# Sticky  Sticky?: Help us help you!



## Pablo

*Help us help you!*

*Hello and welcome to the forum- before you ask a question related to an issue or idea you have please be sure to give as many paramaters and specifics as possible. We can only help if we have a full picture of what's going on. *

*Please give more information than just "My Loach is sick". We need to know where you keep it, how long you've had it, what it lives with, all of the water parameters, food, temperature, what you add to the water- absolutely every single piece of information you can think of- especially stuff seemingly insignificant- is what will help get the issue solved.*

*So for example, if you had a goldfish which wasn't eating all of a sudden, we would want to know what kind of gold fish, how long youve had it, what size tank, who lives with it, where you got your fish, whats filtering it, the substrate, plants, other fish, etc, how often you do water changes, pH/gH/kH/temperature/Ammonia/Nitrite/Nitrate, your water conditioner or any other additives, the kind of food you use, anything unusual that has happened lately any issues said fish experienced in the past and anything else you can think of.

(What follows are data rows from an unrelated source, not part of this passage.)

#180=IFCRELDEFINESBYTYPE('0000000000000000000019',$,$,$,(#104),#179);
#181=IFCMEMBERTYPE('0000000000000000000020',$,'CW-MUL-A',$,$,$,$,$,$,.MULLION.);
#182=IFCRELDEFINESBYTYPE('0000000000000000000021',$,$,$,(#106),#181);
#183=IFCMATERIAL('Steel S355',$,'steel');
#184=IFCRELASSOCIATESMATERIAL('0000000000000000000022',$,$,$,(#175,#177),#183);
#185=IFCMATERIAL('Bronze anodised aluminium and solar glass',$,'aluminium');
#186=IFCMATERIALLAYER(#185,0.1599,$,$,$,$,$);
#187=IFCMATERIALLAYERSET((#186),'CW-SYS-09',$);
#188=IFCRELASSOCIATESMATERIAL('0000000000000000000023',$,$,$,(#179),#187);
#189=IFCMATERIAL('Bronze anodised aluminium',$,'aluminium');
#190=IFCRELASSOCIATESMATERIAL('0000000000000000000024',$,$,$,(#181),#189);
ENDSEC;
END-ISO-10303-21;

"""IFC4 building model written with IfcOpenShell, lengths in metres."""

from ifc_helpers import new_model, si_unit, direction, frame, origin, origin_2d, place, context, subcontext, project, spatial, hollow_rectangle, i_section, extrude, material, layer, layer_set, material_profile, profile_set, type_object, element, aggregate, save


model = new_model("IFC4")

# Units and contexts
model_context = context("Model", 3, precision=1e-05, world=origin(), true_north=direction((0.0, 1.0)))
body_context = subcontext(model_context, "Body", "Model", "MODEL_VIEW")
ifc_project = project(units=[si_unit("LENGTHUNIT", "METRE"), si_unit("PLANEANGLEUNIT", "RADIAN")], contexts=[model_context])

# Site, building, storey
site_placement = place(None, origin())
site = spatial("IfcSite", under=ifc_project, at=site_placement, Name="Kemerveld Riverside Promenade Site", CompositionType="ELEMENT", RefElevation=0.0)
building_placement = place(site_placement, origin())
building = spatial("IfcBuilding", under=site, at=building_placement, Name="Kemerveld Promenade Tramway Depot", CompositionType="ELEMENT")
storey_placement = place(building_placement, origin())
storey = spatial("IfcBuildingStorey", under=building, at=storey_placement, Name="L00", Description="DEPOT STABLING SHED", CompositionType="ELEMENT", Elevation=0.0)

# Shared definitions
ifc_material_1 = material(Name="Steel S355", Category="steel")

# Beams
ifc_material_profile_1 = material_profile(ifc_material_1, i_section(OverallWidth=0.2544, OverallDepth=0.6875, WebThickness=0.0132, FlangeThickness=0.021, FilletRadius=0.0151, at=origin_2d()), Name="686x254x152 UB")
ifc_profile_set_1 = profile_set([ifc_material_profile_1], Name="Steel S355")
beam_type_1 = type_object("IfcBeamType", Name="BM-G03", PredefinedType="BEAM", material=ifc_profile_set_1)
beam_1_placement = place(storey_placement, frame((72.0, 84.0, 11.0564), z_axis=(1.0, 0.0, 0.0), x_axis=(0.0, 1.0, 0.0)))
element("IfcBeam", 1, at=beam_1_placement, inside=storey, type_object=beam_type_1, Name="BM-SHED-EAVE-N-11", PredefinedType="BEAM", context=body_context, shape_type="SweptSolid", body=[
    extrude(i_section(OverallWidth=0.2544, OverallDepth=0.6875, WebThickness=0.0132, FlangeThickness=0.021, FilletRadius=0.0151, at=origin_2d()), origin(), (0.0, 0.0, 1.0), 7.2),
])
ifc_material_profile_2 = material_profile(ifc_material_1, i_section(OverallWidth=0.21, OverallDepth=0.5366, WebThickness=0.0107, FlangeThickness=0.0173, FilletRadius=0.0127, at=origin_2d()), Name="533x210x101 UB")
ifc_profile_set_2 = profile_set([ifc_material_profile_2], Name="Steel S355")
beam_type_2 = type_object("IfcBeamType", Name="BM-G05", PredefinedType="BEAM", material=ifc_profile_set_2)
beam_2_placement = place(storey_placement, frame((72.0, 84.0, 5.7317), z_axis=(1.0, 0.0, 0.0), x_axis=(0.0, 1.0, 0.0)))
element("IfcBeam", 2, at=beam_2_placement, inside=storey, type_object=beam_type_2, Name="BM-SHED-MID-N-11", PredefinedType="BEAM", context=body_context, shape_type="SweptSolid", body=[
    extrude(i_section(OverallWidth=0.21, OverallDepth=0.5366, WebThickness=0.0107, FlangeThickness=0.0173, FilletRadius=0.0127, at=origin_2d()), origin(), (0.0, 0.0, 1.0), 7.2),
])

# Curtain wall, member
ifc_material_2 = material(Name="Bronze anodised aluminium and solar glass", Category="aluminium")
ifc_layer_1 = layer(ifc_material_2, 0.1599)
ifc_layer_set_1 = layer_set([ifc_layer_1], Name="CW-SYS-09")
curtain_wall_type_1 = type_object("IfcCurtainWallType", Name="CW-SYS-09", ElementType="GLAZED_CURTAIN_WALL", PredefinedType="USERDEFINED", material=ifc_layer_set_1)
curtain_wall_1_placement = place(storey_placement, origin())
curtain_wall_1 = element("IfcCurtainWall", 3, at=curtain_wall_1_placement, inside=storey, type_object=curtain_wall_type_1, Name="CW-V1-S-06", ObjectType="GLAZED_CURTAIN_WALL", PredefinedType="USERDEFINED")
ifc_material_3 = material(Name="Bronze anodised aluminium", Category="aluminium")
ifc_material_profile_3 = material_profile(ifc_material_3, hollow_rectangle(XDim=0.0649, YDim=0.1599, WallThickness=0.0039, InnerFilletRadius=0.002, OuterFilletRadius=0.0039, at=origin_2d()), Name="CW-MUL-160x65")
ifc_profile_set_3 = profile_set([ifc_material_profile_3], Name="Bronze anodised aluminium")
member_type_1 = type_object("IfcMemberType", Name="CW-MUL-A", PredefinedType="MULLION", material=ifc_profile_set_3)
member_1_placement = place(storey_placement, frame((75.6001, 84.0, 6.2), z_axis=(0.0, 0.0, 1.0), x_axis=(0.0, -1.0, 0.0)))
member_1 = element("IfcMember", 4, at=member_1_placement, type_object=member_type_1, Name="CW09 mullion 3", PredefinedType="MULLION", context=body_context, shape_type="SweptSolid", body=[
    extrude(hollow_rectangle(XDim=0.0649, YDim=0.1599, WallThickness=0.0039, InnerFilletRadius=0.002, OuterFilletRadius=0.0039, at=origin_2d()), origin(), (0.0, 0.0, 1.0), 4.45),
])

The more information you give, the more of a chance there will be of resolving the issue*

*Here is an example of how providing more info can be helpful http://www.gtaaquaria.com/forum/showthread.php?t=3343*

*happy aquarium-ing*


----------



## Pablo

Hey cool it got stickied! 

*Moderators*-- Please rename this thread Help us Help you - without the 'sticky?' part and if you could also bold and underline the title. I can't change titles as I have no admin abilities.

Thanks.


----------